Ghrelin Peptide Protects Brain Cell Growth in Stress-Induced Depression Model

Chronic stress, often modeled by chronic unpredictable mild stress (CUMS) in animals, is a major contributor to major depressive disorder and is associated with impaired hippocampal neurogenesis (the birth of new neurons in the hippocampus, a brain region critical for mood and memory). While Ghrelin (a hunger-regulating peptide hormone) and its receptor GHSR are known to influence mood and stress responses, their specific role in protecting hippocampal neurogenesis against CUMS-induced damage was not fully understood. This study aimed to investigate the protective effects of Ghrelin/GHSR signaling on hippocampal neurogenesis in CUMS mice.

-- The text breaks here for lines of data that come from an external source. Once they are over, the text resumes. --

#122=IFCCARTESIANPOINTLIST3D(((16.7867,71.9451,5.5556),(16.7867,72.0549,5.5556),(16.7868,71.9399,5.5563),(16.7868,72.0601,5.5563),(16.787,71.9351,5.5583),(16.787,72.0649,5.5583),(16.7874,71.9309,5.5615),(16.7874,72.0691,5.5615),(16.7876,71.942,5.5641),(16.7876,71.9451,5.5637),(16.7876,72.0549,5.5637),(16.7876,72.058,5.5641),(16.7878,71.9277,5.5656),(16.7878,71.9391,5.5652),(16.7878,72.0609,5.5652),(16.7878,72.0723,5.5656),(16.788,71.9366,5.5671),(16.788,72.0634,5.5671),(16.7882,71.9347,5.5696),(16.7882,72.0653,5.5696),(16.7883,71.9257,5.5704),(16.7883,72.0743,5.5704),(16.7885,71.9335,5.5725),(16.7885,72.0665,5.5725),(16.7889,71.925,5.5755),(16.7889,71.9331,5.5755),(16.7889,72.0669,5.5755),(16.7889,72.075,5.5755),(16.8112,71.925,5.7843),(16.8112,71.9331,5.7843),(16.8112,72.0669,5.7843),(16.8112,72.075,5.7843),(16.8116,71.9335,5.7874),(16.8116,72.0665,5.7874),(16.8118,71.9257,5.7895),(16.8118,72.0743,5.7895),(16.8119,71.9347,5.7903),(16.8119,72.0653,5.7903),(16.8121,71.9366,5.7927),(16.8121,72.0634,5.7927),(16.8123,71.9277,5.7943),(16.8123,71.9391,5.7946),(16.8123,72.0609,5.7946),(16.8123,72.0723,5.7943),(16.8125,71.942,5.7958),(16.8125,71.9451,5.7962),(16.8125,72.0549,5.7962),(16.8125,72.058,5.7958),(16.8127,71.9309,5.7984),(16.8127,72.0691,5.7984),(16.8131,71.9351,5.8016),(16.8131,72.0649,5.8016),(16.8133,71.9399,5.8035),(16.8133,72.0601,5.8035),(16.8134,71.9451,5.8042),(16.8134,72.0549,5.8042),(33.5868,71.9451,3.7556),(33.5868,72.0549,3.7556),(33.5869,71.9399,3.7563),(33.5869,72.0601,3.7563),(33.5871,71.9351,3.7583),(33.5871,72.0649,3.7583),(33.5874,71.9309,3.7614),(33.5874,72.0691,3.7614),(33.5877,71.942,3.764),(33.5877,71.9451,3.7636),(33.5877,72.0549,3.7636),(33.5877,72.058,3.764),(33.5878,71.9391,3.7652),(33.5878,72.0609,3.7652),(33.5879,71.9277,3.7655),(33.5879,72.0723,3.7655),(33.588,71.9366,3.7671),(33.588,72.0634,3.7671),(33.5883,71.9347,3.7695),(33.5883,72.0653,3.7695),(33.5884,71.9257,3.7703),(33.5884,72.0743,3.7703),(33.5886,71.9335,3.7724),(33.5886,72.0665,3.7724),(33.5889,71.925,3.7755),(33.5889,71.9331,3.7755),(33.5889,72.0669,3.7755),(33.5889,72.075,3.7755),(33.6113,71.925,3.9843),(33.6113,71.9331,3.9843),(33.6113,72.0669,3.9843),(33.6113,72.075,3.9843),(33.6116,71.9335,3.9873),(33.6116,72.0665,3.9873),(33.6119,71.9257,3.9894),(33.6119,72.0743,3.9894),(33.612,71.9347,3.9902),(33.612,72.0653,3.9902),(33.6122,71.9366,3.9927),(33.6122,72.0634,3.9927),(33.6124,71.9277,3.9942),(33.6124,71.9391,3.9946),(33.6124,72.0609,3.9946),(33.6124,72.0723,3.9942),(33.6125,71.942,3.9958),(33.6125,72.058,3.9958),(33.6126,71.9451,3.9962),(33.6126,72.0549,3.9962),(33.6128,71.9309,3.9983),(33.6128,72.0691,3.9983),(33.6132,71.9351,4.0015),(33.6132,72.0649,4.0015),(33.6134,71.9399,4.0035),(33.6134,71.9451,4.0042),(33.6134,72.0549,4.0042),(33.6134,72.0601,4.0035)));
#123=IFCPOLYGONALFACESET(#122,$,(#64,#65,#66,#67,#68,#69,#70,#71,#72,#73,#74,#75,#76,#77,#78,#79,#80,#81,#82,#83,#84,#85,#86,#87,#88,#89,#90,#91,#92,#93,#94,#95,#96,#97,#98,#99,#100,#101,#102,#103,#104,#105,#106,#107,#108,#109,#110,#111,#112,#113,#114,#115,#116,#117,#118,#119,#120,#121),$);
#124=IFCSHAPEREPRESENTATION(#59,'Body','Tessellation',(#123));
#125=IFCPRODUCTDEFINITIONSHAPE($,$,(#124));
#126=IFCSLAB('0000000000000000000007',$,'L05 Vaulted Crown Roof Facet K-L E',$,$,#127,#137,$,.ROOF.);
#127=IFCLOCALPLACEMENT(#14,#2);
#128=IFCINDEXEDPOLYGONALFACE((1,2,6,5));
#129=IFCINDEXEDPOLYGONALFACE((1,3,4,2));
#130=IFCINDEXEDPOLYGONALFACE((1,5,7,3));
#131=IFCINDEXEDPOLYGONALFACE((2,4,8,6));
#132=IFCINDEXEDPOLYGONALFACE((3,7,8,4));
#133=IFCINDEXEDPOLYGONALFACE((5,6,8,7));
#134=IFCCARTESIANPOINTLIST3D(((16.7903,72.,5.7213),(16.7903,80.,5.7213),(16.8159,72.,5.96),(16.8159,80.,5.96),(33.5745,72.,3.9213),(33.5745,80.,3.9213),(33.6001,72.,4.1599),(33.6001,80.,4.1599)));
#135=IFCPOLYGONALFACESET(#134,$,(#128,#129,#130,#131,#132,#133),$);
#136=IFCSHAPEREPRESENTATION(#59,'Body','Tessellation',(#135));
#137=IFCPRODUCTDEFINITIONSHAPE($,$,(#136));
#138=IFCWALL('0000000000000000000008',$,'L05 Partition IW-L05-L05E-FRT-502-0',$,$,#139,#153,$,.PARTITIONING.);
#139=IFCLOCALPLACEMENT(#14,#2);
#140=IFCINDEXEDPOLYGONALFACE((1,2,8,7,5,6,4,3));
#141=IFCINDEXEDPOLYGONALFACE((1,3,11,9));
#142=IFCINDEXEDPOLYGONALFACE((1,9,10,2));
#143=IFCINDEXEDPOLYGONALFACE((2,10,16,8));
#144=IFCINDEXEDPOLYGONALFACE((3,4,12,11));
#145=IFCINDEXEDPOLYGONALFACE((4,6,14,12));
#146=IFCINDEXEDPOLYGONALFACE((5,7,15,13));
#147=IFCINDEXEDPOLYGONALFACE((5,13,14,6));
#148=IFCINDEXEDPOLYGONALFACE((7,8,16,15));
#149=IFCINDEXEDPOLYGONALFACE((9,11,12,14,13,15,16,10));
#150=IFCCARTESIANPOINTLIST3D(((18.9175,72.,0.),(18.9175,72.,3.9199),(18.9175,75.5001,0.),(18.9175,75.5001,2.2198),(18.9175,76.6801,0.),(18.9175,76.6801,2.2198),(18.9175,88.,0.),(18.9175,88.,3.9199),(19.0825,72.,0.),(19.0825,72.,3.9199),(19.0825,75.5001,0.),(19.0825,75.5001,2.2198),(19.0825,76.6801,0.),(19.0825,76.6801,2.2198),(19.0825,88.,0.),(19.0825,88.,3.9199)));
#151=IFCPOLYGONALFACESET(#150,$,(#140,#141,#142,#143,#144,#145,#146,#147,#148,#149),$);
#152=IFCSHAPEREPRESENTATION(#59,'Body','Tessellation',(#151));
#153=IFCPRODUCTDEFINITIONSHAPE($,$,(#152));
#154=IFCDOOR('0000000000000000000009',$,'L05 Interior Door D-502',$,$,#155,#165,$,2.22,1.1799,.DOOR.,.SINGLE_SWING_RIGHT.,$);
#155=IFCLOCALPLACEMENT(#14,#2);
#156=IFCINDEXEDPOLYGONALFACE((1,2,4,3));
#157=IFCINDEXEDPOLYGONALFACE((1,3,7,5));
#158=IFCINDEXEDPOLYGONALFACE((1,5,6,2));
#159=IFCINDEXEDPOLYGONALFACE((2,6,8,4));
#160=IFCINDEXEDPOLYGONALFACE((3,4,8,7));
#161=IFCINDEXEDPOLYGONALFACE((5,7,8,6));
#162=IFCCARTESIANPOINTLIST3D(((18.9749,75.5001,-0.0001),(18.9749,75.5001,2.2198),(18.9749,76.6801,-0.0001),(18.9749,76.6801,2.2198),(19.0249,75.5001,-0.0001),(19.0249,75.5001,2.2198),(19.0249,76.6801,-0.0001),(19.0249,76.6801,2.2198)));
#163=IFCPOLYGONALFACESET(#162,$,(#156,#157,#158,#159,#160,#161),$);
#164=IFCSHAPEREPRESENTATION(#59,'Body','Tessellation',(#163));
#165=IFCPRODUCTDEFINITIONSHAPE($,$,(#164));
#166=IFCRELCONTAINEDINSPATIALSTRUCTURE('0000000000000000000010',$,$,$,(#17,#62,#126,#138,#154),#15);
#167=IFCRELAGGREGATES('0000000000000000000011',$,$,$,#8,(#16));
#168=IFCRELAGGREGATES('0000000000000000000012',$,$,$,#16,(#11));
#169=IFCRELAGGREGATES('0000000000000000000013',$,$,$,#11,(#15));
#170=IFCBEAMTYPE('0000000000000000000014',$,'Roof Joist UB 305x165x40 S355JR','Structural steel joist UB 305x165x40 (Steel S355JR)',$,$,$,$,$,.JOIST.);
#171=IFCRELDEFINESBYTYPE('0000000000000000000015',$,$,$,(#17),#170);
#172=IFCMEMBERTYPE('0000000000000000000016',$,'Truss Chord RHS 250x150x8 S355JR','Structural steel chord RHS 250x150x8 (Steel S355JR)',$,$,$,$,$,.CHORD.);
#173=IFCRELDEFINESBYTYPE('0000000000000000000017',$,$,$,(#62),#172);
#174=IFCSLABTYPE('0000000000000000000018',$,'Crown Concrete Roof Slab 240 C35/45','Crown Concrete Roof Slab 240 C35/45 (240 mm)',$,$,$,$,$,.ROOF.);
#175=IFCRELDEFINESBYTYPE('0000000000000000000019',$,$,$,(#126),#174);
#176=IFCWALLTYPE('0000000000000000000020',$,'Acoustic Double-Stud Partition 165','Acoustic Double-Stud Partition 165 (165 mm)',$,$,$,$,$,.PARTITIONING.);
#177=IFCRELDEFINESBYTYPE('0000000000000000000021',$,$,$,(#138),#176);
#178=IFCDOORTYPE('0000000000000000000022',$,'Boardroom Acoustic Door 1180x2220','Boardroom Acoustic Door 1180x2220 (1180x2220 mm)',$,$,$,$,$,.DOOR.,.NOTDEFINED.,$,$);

CUMS significantly impaired hippocampal neurogenesis and induced depressive-like behaviors in mice. However, Ghrelin treatment, particularly at the higher dose, notably reversed these detrimental effects. > Specifically, Ghrelin at 0.5 mg/kg increased the number of BrdU+ cells (a marker for cell proliferation) in the dentate gyrus by 43% compared to the CUMS vehicle group (p<0.001). Furthermore, Ghrelin treatment led to a 2.5-fold increase in DCX+ cells (immature neurons) and a 1.8-fold increase in NeuN+/BrdU+ cells (mature new neurons) in the hippocampus (p<0.01 for both), indicating enhanced neuronal survival and differentiation. This neurogenic effect was accompanied by a 35% reduction in stress-induced depressive-like behaviors in the forced swim test (p<0.05), demonstrating a functional improvement.